Закат Западного мира. Очерки морфологии мировой истории
Шрифт:

Позывы в направлении механистического мышления о мире, которое базировалось бы всецело на математическом ограничении, логическом различении, на законе и причинности, дают о себе знать очень рано. С ними приходится сталкиваться в первые столетия всех культур – пока что со слабыми, разрозненными, тонущими в гуще религиозного мировоззрения. Здесь можно было бы назвать Роджера Бэкона. Уже вскоре эти попытки принимают более строгий характер; как и все духовные завоевания, которым постоянно грозит опасность со стороны человеческой природы, они не испытывают недостатка в претензиях на господство и исключительность. И вот уже незаметно царство пространственно-понятийного (ибо понятия по самой своей сути являются числами, имеющими чисто количественные свойства) пронизывает внешний мир каждого человека, порождает в простых впечатлениях чувственной жизни (а заодно с ними и в их основах) механическую взаимосвязь каузального и количественно узаконенного характера и в конце концов подчиняет бодрствующее сознание культурного человека больших городов (будь то в египетских Фивах или Вавилоне, в Бенаресе, Александрии или западноевропейских мировых столицах) столь неотступному принуждению со стороны мышления, оперирующего законами природы, что предубеждение всей философии и науки (а это несомненно предубеждение) почти не встречает возражений, так что продолжает считаться, что это состояние и есть сам человеческий дух, а

его отражение, механическая картина окружающего мира – это и есть сам мир.
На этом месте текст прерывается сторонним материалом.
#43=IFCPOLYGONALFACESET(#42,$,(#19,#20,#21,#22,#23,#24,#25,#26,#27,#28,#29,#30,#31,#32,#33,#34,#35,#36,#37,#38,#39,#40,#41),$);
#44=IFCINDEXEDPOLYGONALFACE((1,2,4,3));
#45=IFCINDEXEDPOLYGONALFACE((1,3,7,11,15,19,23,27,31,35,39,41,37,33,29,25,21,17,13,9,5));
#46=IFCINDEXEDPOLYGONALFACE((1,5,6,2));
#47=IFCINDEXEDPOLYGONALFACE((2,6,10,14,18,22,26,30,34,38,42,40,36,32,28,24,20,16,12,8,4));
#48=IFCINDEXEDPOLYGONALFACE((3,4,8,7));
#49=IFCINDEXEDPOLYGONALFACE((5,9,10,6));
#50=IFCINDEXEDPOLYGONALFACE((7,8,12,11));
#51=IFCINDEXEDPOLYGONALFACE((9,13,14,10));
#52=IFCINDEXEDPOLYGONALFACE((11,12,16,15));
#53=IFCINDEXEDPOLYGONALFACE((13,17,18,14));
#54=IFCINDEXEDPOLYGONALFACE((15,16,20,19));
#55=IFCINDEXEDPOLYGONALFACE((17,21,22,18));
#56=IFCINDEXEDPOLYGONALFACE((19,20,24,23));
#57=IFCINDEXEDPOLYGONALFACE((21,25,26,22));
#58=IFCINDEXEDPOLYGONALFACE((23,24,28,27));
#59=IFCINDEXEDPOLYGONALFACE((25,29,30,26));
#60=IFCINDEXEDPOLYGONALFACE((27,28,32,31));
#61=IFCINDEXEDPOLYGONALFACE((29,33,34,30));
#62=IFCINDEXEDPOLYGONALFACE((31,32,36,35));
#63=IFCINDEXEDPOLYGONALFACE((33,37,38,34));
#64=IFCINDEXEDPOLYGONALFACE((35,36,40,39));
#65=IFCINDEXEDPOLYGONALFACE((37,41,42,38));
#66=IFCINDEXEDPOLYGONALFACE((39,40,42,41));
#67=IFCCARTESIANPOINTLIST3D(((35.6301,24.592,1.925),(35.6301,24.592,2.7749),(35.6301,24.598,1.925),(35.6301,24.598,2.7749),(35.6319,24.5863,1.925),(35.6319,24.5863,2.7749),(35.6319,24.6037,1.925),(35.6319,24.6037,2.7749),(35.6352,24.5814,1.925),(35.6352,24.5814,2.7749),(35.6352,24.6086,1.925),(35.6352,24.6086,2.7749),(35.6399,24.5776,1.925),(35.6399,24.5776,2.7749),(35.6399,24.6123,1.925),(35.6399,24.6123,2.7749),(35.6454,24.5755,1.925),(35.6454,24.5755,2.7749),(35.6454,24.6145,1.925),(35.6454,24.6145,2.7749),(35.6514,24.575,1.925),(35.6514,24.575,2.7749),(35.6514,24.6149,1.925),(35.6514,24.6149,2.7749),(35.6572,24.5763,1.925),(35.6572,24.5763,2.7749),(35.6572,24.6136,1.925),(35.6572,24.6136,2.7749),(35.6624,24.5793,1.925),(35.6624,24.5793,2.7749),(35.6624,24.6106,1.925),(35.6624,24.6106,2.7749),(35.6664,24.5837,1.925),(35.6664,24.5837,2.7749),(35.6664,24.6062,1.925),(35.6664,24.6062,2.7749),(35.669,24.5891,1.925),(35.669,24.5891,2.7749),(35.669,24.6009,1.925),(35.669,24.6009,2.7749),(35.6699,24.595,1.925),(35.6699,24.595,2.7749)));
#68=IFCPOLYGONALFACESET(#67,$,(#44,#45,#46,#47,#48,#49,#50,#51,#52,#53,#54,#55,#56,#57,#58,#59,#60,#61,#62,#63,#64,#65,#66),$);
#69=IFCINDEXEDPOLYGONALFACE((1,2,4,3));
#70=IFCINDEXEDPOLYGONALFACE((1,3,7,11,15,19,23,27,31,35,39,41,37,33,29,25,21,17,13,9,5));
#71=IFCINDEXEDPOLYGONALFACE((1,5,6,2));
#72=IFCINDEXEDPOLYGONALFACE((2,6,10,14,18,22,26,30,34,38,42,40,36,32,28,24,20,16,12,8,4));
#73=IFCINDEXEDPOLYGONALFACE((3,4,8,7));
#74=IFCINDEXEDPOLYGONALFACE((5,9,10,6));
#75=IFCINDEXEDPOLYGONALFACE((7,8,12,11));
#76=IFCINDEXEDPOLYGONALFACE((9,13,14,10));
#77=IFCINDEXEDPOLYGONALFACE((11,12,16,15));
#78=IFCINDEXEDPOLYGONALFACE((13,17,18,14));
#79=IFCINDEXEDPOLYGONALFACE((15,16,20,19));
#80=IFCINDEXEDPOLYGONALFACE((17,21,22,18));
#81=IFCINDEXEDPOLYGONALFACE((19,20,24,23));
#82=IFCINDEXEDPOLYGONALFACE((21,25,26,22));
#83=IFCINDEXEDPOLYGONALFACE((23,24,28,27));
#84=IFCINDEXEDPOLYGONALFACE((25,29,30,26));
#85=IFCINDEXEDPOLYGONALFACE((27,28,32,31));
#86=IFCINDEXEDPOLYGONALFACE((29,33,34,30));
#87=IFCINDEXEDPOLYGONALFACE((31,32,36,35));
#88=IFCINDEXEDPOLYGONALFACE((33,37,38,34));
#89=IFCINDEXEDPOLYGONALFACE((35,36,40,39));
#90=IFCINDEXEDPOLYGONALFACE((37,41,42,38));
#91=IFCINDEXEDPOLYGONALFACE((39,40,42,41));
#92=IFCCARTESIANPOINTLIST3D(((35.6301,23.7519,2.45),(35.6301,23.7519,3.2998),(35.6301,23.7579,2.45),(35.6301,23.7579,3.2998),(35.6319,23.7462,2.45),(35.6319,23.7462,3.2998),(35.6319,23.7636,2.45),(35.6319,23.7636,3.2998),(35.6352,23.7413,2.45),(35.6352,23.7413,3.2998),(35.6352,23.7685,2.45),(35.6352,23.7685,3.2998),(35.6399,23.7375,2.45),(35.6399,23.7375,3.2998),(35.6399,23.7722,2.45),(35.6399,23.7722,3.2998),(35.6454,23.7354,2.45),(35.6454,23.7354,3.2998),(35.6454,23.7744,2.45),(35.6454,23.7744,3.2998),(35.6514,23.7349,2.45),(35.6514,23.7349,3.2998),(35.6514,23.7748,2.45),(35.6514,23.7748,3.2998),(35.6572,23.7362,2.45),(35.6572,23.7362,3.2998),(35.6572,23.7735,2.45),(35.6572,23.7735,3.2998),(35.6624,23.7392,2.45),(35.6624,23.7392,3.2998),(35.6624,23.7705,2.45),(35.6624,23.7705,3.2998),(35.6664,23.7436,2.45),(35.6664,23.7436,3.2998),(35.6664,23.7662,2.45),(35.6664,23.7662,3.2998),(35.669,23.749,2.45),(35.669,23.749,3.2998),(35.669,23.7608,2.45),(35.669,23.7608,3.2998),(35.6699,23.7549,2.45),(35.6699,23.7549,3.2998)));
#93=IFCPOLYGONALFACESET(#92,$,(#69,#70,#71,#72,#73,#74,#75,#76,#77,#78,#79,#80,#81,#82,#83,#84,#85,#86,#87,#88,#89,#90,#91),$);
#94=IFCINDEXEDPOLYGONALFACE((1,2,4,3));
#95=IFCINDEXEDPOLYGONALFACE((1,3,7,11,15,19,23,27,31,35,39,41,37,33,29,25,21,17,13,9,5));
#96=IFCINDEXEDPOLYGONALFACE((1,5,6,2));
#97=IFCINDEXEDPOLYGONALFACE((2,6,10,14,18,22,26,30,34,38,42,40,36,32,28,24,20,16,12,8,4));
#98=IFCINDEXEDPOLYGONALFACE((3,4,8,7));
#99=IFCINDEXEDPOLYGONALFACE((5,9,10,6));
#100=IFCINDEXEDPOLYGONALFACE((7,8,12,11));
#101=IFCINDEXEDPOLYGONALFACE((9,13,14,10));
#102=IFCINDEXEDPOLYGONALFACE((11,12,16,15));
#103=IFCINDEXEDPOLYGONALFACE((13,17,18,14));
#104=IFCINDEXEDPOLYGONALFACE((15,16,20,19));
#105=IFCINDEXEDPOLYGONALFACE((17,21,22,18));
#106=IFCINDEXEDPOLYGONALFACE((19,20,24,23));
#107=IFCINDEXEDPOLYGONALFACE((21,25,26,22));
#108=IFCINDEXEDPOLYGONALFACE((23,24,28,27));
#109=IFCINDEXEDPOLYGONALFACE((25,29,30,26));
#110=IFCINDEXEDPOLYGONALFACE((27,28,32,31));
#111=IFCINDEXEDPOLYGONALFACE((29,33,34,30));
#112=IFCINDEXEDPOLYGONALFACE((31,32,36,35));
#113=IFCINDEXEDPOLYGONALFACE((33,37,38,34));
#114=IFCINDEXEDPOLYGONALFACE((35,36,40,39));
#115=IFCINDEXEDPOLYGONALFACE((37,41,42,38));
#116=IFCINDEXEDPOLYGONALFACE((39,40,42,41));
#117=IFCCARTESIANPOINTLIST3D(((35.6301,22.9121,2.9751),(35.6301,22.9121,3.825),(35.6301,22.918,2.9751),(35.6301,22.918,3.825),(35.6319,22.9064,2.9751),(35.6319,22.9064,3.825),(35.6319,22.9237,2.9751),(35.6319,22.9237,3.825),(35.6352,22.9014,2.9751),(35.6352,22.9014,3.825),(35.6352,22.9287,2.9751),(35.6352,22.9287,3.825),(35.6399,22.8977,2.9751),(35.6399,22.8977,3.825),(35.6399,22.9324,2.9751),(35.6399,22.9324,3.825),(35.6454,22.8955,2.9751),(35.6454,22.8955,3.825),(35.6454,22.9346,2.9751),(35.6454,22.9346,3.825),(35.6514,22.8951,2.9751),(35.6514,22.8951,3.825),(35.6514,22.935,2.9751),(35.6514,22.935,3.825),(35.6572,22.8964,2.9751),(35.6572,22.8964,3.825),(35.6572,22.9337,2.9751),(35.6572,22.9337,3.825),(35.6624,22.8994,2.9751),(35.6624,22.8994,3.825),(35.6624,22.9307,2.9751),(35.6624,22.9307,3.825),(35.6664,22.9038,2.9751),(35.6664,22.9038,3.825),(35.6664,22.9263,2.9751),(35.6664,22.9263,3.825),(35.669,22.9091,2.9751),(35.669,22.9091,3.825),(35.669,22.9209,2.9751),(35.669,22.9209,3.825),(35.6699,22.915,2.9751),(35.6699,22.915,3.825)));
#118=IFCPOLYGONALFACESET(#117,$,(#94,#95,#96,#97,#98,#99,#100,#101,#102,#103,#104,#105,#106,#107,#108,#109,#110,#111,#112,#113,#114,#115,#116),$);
Логики вроде Аристотеля и Канта сделали это воззрение господствующим, однако Платон и Гёте его опровергают.

4

Великая задача познания мира, становящаяся у людей высших культур потребностью, своего рода проникновение в собственное существование, обязанность к чему ощущается ими как перед самими собой, так и в отношении культуры, вне зависимости от того, будем ли мы называть соответствующие процедуры наукой или философией, будем ли с внутренней несомненностью воспринимать их родство с художественным творчеством и религиозной интуицией или его оспаривать, – задача эта в любом случае, несомненно, остается одной и той же: представить во всей чистоте предопределенный бодрствованию отдельного человека язык форм картины мира, который он, пока не сравнивает, неизбежно должен считать за сам мир.
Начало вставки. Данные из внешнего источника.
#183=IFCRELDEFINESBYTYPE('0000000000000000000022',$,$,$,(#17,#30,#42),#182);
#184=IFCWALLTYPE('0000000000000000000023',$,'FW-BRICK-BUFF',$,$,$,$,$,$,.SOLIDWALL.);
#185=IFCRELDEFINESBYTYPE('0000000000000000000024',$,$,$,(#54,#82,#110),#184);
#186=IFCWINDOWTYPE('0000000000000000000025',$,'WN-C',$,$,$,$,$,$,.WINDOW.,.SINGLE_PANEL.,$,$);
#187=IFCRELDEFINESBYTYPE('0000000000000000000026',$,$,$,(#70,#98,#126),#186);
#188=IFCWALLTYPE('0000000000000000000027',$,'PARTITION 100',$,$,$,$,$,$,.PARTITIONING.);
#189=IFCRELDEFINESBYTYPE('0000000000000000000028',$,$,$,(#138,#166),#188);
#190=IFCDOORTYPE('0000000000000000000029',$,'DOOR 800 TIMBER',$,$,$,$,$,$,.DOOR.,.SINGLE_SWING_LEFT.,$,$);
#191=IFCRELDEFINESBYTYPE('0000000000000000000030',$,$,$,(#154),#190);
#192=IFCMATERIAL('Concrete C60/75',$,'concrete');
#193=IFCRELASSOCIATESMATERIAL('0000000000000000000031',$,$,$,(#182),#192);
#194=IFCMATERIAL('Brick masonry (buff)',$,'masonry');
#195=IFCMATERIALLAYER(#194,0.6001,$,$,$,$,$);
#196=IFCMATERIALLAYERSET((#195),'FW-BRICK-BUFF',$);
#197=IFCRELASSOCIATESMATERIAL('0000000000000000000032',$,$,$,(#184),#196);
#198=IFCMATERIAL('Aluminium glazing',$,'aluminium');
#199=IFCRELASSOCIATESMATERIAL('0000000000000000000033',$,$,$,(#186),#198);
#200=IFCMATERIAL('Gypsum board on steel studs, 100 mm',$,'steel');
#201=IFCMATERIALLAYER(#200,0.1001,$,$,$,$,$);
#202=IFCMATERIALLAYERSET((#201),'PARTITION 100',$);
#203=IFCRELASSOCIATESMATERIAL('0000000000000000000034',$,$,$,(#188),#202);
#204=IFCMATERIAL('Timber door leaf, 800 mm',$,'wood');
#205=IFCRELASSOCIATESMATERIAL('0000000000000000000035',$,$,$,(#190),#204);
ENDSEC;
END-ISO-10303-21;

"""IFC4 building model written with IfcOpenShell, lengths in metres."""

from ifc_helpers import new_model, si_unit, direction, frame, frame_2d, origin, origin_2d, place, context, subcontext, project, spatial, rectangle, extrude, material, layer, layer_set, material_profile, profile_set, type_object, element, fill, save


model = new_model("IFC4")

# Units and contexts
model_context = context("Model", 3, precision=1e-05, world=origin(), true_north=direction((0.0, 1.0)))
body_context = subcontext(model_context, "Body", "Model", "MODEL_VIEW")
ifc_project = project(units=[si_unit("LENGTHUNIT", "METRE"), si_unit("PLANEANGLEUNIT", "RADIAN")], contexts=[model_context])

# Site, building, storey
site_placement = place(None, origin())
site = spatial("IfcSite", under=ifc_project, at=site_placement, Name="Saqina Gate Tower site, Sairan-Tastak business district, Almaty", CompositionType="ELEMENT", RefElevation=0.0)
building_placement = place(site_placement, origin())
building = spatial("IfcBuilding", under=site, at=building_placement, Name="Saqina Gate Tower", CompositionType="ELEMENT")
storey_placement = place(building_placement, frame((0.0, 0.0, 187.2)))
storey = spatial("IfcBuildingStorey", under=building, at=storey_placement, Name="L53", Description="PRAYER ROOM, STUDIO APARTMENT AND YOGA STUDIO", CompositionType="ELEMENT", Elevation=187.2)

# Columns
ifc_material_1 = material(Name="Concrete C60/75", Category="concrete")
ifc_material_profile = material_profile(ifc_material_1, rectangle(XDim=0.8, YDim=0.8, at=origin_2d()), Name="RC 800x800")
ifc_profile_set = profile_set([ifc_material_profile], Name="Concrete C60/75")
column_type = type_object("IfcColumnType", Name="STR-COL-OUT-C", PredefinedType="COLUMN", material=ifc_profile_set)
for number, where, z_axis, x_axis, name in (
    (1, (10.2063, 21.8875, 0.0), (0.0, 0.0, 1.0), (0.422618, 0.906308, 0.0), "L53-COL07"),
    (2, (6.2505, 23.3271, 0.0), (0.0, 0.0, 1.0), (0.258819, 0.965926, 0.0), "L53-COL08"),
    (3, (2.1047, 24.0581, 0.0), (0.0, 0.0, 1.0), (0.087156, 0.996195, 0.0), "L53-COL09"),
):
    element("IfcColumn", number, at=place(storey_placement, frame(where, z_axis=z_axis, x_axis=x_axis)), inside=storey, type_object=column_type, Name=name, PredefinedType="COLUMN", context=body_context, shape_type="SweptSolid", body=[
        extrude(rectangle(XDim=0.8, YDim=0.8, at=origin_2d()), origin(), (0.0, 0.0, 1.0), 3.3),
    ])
Ввиду различия природы и истории эта задача должна быть двойственной. Та и другая говорят на своем собственном, отличающемся во всех отношениях языке форм; в картине мира неопределенного характера – как оно чаще всего и бывает в повседневной жизни – тот и другой вполне могут накладываться друг на друга и искажаться, однако никогда они не сливаются во внутреннее единство.
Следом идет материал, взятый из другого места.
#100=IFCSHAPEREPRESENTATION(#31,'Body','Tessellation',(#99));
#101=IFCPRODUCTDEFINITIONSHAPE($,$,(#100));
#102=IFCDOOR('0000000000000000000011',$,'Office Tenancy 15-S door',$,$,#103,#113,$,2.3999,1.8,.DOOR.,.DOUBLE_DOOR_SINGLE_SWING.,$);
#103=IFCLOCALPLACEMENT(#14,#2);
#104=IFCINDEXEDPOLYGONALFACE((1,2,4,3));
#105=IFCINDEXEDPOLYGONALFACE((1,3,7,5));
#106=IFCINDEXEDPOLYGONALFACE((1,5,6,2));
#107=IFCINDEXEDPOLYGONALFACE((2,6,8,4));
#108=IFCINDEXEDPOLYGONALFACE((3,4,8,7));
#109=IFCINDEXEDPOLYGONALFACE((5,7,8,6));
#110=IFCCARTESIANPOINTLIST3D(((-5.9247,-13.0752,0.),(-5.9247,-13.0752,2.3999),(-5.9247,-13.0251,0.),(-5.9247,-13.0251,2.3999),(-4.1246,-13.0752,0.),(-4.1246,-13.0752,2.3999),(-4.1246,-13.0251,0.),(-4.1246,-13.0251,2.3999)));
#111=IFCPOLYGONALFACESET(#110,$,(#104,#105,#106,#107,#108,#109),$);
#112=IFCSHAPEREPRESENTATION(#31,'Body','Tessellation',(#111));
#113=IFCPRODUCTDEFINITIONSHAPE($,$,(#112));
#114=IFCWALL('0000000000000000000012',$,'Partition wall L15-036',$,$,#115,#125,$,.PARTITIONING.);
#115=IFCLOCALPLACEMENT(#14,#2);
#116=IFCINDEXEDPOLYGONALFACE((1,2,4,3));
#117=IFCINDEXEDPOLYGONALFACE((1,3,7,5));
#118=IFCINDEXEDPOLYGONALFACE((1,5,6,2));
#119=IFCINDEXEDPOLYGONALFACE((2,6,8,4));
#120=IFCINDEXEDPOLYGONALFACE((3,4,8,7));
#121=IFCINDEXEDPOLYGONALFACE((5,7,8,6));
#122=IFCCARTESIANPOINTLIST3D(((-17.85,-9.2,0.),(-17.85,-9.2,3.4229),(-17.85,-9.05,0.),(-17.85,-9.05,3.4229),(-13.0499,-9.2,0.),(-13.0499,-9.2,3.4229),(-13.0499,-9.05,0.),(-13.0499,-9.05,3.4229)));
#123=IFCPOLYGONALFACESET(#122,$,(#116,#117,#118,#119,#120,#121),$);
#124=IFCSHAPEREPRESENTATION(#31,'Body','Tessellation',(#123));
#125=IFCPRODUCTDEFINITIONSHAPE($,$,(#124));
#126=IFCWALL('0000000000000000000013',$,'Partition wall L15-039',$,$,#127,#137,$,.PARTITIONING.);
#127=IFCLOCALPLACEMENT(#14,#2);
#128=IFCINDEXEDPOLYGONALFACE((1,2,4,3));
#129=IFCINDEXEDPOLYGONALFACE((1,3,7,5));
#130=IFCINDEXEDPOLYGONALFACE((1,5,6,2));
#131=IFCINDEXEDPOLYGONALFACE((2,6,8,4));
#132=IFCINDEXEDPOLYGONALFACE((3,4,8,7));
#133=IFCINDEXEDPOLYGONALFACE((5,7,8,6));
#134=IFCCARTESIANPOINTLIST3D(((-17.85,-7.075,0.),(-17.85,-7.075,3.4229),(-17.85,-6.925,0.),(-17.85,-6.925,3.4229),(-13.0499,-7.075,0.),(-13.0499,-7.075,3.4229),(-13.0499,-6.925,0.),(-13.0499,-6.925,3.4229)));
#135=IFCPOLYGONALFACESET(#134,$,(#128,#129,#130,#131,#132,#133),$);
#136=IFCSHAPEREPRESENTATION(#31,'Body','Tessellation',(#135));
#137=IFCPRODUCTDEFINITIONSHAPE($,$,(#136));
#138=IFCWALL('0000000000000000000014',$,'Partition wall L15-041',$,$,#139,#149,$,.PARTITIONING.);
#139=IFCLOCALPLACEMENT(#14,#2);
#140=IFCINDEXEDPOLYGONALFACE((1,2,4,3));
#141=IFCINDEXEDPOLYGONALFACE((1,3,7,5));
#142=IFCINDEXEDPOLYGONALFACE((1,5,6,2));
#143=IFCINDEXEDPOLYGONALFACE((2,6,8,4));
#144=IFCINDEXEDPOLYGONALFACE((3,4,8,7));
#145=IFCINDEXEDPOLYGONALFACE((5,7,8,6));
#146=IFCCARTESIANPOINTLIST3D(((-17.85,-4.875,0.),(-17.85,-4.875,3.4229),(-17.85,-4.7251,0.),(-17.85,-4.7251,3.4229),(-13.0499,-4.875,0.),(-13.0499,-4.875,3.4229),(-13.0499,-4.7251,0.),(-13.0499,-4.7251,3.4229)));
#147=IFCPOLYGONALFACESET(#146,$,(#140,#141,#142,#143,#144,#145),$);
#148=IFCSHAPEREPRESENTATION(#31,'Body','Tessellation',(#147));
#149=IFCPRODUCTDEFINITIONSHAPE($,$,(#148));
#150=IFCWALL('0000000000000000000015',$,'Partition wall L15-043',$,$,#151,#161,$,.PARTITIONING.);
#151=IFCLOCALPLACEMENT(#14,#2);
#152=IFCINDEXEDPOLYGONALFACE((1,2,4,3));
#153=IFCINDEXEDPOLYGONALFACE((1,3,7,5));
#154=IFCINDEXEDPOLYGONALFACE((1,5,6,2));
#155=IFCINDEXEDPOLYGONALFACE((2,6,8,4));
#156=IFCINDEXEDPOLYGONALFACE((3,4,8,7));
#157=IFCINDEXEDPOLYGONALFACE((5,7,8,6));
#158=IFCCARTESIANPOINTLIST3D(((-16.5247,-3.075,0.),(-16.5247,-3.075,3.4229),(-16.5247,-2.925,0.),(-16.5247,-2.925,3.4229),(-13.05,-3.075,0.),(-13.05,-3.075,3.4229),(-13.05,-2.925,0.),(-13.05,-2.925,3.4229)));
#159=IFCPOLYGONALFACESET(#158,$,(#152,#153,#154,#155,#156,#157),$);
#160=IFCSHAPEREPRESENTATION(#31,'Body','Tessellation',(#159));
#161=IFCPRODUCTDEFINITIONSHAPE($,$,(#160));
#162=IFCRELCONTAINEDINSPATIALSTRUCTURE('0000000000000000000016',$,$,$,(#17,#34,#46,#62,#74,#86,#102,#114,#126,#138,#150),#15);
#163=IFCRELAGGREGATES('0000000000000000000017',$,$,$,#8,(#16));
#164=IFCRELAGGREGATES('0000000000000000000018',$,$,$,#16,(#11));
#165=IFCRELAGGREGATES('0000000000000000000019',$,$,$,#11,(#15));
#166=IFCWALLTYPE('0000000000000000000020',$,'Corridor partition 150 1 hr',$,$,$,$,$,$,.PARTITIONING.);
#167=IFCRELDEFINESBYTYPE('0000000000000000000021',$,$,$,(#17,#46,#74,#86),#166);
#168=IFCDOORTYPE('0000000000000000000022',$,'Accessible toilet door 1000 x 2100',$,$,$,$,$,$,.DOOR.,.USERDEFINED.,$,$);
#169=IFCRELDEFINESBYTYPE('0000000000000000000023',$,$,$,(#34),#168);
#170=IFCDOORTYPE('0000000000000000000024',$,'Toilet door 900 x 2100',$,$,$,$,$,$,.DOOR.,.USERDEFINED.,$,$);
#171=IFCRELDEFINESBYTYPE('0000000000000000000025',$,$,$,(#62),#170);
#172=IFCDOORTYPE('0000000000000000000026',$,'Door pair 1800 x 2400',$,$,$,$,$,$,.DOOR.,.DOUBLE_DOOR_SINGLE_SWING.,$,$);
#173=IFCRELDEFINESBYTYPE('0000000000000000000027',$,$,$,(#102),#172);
Направление и распространение – вот господствующие характеристики, которыми различаются историческое и природное впечатление. Человек вообще не в состоянии одновременно дать ход формирующему воздействию того и другого. У слова «даль» – красноречивый двойной смысл. В одном случае оно означает будущее, в другом – пространственное расстояние. Отметим, что исторический материалист почти неизбежно воспринимает время как математическое измерение. Для прирожденного художника (что доказывается лирикой всех народов), напротив, даль пейзажа, облака, горизонт, садящееся солнце – все это оказывается впечатлениями, связывающимися сами собой с ощущением чего-то будущего. Греческий поэт отрицает будущее, а следовательно, он ничего этого не видит и не воспевает. Поскольку он всецело принадлежит настоящему, он всецело принадлежит также и близи. Естествоиспытатель, творческий рассудочный человек в собственном смысле этого слова, будь то экспериментатор, как Фарадей, теоретик, как Галилей, или математик, как Ньютон, сталкивается в своем мире лишь с лишенными направления количествами, которые он меряет, поверяет и упорядочивает. Исключительно количественное подлежит ухватыванию числами, определено каузально, может быть сделано доступно в понятийном смысле и сформулировано в виде закона. Тем самым возможности всякого чистого познания природы оказываются исчерпанными. Все законы представляют собой количественные зависимости, или, как сказал бы физик, все физические процессы протекают в пространстве. Античный же физик, исходя из античного, отрицающего пространство мироощущения, выразил бы то же самое – не меняя существа факта – в том смысле, что все процессы «протекают между телами».

Всякая количественность чужда историческим впечатлениям. У них иной орган. У мира как природы и мира как истории – свои собственные виды постижения. Мы знаем их и ежедневно ими пользуемся, хотя их противоположности до сих пор не сознавали. Бывает познание природы и знание людей. Бывает научный опыт и опыт жизненный. Следует проследить эту противоположность до самых последних оснований, чтобы понять, что я имею в виду.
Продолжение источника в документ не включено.